The UK’s hard-line Brexit backers are making their move. If they get their way on new trade arrangements, they’ll face a test of gravity.

Many of those plotting to oust Prime Minister Theresa May also favour reverting to basic World Trade Organisation rules - thereby creating new barriers with Europe - arguing that it would supercharge economic activity with other, faster-growing countries further afield. That’s at odds with the theory of trade gravity, which states that the level of commerce between two countries is in proportion to their size and proximity.

The idea is that a twofold increase in the distance between countries leads to a corresponding decline in trade volume by half.

According to research by the London School of Economics, it helps explain why the UK has far greater trade with Germany than Canada - a nation with which it shares more historical and cultural links.

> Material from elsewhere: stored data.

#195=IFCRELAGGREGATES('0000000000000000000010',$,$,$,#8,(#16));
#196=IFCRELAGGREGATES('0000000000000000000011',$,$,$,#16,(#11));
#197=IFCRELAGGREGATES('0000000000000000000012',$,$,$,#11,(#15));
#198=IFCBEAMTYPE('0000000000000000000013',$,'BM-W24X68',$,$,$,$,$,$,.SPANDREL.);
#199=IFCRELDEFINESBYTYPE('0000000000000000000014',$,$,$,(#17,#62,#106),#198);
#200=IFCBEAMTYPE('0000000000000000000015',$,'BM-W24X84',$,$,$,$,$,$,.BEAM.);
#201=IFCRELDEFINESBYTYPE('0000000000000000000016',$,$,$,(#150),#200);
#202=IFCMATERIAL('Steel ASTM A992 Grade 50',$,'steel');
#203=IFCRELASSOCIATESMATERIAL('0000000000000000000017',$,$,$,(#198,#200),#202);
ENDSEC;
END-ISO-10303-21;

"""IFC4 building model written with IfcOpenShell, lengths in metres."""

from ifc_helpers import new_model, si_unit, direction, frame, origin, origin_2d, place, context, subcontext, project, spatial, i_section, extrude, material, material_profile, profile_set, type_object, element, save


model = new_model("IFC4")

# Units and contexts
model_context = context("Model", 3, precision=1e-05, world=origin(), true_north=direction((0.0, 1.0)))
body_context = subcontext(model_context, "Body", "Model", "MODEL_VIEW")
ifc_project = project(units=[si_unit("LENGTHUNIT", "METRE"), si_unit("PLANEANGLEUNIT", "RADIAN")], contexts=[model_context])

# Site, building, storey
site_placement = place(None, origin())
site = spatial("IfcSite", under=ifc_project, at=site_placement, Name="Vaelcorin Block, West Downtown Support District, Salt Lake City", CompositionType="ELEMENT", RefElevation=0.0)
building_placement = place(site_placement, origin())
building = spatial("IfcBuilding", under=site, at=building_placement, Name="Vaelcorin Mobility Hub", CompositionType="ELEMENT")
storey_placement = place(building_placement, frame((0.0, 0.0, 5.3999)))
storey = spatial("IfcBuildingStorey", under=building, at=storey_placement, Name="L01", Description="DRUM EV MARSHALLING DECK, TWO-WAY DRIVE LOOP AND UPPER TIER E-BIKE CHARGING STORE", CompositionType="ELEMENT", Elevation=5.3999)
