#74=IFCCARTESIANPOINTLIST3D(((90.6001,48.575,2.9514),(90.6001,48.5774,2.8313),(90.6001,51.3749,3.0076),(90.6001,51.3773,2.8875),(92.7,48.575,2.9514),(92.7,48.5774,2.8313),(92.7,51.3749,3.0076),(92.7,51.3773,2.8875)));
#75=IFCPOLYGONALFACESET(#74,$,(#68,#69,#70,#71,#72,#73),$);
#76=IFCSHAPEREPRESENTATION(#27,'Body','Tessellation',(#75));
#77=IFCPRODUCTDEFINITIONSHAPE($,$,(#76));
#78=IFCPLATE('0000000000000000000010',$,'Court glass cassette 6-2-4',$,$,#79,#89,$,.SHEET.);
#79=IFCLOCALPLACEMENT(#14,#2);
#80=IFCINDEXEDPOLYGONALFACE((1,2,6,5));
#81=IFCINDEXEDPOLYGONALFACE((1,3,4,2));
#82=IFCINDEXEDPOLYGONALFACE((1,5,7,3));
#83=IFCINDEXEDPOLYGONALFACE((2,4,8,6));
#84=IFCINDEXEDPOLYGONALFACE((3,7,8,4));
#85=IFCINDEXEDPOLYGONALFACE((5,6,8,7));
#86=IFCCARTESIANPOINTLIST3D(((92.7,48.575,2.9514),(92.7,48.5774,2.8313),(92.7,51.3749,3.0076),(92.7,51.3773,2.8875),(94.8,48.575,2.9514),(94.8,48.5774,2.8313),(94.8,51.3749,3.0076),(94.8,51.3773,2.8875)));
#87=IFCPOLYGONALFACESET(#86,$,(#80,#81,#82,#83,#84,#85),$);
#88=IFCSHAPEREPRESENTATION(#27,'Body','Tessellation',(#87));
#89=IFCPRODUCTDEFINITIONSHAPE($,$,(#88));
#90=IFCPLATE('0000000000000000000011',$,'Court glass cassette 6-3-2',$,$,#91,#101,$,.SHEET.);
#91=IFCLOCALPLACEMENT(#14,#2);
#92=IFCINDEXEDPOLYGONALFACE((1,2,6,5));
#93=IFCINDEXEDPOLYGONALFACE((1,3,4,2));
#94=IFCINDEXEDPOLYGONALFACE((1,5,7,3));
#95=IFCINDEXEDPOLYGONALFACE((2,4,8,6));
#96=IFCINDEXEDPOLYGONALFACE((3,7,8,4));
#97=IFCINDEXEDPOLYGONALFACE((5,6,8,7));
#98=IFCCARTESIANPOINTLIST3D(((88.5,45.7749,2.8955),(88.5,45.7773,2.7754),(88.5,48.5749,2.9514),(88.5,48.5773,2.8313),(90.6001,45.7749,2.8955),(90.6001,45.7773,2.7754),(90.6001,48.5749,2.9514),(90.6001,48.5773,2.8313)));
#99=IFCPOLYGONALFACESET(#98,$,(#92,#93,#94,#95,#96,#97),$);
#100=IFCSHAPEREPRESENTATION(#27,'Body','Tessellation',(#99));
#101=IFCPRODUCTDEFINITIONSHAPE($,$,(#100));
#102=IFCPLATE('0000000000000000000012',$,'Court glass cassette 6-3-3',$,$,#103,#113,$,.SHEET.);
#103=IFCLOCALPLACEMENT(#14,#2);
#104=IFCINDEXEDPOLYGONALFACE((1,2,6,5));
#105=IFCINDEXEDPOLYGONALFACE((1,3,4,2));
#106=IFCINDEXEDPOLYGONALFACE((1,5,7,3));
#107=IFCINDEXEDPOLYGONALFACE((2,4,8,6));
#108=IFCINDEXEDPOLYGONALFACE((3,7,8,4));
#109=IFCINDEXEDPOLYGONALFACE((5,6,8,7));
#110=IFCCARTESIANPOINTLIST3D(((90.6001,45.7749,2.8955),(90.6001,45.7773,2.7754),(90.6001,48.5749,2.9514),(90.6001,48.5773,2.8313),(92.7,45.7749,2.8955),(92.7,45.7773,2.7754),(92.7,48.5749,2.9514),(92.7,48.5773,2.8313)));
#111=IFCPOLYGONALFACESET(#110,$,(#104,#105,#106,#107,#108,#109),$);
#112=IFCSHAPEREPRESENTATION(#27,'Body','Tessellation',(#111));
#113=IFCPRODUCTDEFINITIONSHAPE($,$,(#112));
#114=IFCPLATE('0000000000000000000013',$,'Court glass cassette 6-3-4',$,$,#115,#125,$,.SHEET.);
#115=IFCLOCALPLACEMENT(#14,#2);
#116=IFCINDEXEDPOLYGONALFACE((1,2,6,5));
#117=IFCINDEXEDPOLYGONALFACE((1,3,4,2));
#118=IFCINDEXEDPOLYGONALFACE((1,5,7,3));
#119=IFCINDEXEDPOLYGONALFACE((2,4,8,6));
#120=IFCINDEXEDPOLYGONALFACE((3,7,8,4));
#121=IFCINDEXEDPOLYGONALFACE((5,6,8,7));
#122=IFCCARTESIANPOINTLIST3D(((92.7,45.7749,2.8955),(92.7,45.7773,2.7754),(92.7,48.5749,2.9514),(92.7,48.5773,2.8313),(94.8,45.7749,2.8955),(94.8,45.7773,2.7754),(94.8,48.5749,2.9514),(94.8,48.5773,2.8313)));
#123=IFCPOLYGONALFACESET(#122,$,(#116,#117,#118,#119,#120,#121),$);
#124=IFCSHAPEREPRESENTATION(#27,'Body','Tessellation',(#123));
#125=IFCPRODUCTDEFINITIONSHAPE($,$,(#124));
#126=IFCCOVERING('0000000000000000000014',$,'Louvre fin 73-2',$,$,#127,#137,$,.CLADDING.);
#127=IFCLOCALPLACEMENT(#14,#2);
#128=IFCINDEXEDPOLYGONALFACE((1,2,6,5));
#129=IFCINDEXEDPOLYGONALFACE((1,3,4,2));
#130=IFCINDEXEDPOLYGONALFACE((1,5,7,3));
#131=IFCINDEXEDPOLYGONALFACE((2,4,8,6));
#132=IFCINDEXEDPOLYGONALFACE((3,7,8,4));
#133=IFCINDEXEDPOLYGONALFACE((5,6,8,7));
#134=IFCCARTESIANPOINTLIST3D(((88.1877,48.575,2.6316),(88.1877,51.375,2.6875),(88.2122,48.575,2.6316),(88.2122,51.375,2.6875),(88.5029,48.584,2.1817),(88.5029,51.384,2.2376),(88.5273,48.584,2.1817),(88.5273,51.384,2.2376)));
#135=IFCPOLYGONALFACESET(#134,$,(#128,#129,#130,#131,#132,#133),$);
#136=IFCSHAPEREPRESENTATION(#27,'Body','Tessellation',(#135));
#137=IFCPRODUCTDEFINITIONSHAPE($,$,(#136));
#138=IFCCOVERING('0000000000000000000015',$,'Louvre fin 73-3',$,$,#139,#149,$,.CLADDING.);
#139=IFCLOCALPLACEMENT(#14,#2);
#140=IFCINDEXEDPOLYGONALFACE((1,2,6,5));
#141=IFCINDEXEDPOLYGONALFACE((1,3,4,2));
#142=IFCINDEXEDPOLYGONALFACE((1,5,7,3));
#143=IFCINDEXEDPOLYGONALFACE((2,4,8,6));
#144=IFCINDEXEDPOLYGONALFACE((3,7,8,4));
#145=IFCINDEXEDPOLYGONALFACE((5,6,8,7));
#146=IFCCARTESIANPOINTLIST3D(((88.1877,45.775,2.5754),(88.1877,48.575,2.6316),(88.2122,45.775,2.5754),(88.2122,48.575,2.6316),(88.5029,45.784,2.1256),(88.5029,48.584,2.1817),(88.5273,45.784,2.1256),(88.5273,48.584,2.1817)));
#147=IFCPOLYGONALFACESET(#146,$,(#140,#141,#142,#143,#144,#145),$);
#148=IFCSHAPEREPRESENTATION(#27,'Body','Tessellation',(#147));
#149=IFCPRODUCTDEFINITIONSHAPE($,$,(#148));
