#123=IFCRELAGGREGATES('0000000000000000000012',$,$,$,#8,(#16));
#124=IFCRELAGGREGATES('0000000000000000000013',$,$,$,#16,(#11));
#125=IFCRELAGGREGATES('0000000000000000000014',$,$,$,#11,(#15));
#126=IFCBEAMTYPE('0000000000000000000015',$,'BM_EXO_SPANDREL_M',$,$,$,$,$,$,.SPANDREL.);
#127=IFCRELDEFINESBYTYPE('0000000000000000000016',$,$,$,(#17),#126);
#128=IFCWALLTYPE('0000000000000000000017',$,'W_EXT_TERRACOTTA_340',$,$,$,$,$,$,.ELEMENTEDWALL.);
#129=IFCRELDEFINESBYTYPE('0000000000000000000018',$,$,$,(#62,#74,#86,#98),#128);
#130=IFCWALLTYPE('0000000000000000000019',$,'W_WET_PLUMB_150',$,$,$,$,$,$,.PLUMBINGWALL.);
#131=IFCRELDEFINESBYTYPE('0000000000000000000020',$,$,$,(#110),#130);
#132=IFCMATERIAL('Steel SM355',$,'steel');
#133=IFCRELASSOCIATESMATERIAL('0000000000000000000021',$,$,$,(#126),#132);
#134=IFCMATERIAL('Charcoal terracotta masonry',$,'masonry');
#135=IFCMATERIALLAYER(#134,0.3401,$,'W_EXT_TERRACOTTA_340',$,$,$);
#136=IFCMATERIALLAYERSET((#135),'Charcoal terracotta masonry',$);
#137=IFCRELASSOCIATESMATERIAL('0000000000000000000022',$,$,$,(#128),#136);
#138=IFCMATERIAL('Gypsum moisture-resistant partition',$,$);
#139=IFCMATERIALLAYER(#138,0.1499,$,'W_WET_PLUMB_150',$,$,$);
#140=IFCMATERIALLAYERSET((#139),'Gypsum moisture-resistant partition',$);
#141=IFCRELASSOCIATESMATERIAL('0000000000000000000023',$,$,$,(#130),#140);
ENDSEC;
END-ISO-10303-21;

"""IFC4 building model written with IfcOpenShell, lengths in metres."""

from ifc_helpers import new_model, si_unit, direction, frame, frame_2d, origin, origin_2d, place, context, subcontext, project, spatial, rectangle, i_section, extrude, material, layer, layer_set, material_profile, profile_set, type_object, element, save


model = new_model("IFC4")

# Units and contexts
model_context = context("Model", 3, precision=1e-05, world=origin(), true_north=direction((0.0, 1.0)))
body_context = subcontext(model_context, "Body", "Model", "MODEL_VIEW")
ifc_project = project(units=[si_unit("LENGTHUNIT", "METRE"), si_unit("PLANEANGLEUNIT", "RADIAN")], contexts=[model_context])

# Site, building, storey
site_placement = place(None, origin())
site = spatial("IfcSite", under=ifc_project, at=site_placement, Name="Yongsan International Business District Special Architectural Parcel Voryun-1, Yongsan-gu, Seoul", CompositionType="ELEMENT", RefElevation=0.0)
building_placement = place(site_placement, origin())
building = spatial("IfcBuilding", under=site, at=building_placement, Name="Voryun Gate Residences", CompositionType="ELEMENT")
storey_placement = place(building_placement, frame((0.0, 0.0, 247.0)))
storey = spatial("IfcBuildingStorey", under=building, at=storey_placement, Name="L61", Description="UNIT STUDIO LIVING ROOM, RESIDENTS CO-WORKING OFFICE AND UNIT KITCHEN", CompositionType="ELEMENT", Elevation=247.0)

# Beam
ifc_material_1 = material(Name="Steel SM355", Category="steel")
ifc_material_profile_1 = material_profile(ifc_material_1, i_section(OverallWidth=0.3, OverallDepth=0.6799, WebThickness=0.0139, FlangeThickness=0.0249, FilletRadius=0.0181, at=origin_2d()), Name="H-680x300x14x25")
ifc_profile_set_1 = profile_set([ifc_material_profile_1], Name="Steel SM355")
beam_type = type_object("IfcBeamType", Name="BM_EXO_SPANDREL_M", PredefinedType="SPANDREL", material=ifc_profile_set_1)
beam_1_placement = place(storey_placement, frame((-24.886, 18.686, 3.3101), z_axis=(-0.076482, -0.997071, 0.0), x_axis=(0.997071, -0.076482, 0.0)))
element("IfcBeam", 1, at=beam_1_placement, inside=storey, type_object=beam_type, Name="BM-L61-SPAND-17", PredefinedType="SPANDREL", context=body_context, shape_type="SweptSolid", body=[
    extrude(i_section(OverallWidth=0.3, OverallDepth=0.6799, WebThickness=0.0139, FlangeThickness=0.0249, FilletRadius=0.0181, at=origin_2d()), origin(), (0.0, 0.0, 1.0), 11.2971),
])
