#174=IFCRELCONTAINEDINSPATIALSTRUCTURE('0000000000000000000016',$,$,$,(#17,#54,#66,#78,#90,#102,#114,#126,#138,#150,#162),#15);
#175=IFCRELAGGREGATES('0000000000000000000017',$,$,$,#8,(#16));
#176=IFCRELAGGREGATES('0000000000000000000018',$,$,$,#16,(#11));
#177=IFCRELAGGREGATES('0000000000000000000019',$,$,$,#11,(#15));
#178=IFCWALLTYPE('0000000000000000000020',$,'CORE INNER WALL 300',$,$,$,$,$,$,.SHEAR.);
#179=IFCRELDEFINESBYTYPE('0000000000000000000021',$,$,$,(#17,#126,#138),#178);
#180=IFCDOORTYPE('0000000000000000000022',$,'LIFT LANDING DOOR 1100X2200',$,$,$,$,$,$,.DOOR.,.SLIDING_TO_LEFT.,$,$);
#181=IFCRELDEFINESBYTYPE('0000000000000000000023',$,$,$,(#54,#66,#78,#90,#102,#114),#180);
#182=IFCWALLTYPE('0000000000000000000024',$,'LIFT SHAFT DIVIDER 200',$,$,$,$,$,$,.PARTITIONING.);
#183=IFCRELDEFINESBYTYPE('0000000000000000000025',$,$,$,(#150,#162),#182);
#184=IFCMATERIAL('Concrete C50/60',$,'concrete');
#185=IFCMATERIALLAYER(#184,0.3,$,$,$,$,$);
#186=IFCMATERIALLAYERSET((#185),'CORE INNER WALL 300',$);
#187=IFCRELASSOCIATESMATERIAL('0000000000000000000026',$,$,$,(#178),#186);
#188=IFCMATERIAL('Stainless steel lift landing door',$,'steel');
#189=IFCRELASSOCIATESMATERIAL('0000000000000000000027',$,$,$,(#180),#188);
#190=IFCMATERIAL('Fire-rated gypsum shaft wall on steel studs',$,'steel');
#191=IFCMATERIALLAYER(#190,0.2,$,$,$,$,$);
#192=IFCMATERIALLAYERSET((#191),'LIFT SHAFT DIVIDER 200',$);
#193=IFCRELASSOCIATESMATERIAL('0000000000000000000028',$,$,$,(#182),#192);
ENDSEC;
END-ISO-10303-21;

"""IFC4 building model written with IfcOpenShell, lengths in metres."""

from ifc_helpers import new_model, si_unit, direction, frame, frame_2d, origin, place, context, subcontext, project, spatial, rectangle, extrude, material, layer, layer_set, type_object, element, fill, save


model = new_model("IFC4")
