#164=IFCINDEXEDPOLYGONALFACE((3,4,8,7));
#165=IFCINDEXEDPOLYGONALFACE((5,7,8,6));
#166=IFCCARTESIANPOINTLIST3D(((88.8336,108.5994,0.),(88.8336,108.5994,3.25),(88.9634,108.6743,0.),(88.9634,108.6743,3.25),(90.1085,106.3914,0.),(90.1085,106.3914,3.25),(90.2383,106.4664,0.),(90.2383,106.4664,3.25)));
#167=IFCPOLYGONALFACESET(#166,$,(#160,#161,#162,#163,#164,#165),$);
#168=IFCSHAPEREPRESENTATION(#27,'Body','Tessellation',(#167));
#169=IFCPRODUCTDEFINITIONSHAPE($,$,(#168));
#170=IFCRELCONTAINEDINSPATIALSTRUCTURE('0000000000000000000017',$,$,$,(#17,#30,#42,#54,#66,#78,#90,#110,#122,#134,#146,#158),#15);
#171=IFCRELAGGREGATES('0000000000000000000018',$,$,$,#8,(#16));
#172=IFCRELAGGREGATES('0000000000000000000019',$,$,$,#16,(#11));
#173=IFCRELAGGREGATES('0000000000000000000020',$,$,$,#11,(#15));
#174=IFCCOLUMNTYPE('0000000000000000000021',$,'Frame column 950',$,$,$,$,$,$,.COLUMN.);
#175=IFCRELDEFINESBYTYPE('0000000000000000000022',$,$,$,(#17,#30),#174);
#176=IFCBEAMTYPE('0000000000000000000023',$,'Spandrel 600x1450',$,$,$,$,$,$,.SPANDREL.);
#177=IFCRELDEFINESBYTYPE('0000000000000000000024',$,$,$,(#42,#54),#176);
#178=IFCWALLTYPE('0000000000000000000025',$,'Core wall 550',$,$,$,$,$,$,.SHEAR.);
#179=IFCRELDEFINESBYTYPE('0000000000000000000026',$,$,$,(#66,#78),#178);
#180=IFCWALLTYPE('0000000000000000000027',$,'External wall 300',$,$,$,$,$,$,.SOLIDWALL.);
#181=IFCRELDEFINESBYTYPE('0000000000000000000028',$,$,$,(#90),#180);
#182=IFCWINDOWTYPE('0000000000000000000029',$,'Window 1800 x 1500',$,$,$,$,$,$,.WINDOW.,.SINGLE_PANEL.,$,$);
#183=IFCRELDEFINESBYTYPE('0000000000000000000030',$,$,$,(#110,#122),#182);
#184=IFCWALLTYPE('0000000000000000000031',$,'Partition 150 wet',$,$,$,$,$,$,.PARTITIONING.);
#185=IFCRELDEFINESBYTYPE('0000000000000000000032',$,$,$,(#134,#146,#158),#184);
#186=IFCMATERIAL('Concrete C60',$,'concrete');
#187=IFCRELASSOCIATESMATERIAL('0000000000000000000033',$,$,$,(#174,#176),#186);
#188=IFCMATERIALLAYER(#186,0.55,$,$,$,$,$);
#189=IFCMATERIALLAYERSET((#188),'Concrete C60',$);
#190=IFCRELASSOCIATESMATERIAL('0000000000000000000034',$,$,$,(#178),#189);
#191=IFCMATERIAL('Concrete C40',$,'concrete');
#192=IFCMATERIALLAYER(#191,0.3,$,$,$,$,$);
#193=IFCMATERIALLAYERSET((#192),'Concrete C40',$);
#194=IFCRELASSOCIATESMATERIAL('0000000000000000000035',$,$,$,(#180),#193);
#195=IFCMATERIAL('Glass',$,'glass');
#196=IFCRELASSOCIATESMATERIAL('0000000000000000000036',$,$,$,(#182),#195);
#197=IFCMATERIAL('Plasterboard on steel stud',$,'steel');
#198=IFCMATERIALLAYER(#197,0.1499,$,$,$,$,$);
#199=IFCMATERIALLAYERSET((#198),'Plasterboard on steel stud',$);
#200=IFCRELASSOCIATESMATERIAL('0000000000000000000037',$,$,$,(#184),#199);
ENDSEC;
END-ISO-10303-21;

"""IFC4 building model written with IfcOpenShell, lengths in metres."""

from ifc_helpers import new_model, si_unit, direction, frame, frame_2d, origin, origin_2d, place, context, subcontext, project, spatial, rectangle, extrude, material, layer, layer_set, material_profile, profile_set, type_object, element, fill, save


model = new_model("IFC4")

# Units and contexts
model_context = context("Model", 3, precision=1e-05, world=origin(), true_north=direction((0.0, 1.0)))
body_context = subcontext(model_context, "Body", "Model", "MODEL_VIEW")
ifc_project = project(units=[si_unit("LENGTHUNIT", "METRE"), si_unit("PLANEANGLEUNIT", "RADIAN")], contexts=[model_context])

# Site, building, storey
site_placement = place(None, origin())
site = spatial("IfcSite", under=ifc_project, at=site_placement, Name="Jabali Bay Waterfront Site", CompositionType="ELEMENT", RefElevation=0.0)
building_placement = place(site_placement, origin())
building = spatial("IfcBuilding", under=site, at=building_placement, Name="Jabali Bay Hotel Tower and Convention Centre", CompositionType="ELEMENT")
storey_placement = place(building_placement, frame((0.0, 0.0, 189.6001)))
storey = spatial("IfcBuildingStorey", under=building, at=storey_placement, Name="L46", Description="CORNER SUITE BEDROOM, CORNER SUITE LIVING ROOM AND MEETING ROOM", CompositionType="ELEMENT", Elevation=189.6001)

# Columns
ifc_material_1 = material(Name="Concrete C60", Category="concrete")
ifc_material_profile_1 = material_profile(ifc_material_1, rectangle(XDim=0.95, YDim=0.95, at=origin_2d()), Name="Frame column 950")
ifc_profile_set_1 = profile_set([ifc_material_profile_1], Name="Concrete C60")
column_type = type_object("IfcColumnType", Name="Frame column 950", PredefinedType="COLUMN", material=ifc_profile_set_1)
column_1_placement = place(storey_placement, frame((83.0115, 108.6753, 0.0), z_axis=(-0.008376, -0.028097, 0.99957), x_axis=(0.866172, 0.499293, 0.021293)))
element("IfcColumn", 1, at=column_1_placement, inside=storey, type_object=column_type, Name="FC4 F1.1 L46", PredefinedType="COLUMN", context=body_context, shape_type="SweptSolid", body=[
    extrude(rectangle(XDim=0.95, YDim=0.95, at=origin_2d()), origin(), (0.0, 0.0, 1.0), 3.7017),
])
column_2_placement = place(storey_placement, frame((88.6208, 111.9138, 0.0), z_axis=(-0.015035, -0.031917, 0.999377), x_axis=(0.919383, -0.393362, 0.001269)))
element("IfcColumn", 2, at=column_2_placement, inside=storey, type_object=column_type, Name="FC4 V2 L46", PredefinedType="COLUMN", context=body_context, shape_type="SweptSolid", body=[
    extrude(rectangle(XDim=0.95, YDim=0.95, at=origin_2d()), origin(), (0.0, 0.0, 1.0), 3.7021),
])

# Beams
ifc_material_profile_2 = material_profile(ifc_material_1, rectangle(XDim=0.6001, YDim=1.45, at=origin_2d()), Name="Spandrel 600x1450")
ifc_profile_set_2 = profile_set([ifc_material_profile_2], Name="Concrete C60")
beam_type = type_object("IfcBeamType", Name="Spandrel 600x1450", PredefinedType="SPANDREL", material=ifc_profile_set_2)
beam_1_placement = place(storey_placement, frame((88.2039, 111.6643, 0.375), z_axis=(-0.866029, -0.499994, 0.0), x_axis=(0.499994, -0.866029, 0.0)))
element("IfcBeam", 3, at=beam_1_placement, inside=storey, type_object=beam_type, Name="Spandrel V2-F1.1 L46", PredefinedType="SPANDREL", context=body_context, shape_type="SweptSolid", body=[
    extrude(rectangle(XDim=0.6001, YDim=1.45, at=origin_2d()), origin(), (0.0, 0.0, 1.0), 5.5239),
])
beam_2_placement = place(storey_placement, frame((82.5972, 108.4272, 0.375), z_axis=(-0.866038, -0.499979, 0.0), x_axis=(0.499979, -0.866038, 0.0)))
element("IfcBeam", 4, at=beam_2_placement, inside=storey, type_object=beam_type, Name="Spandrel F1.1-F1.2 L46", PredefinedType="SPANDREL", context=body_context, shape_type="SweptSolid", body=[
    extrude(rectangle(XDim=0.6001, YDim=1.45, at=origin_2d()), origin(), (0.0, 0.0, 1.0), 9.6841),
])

It’s also the reason - along with its current membership in the single market that aims to remove all barriers - why the UK sent £236bn of total exports to the EU in 2016. That compares with sales of £100bn to the US, an economy of similar size to the combined countries of the bloc.

When it comes to the new relationship, trade gravity is a key dividing ground between those economists who predict it will be difficult for Britain to replace its commerce with the EU with other, faster-growing markets after Brexit, and the smaller group who espouse the benefits of a clean break.

Earlier this year, pro-Brexit advocates Jacob Rees-Mogg and Boris Johnson - the most prominent critics of May’s plans - presented research from the anti-EU Economists for Free Trade which dismissed the gravity model and argued that the risks had been overstated.

In a series of tweets on Monday, UK lawmaker John Redwood returned to the theme, pointing out that non-EU trade had been growing at a faster rate than within the bloc.

The EU currently accounts for a just under half the UK's trade, and research from Bloomberg Economics - using a gravity model - showed that striking deals with the US, India, China, Australia and New Zealand won’t be enough to compensate for the economic losses from leaving the world’s largest single market.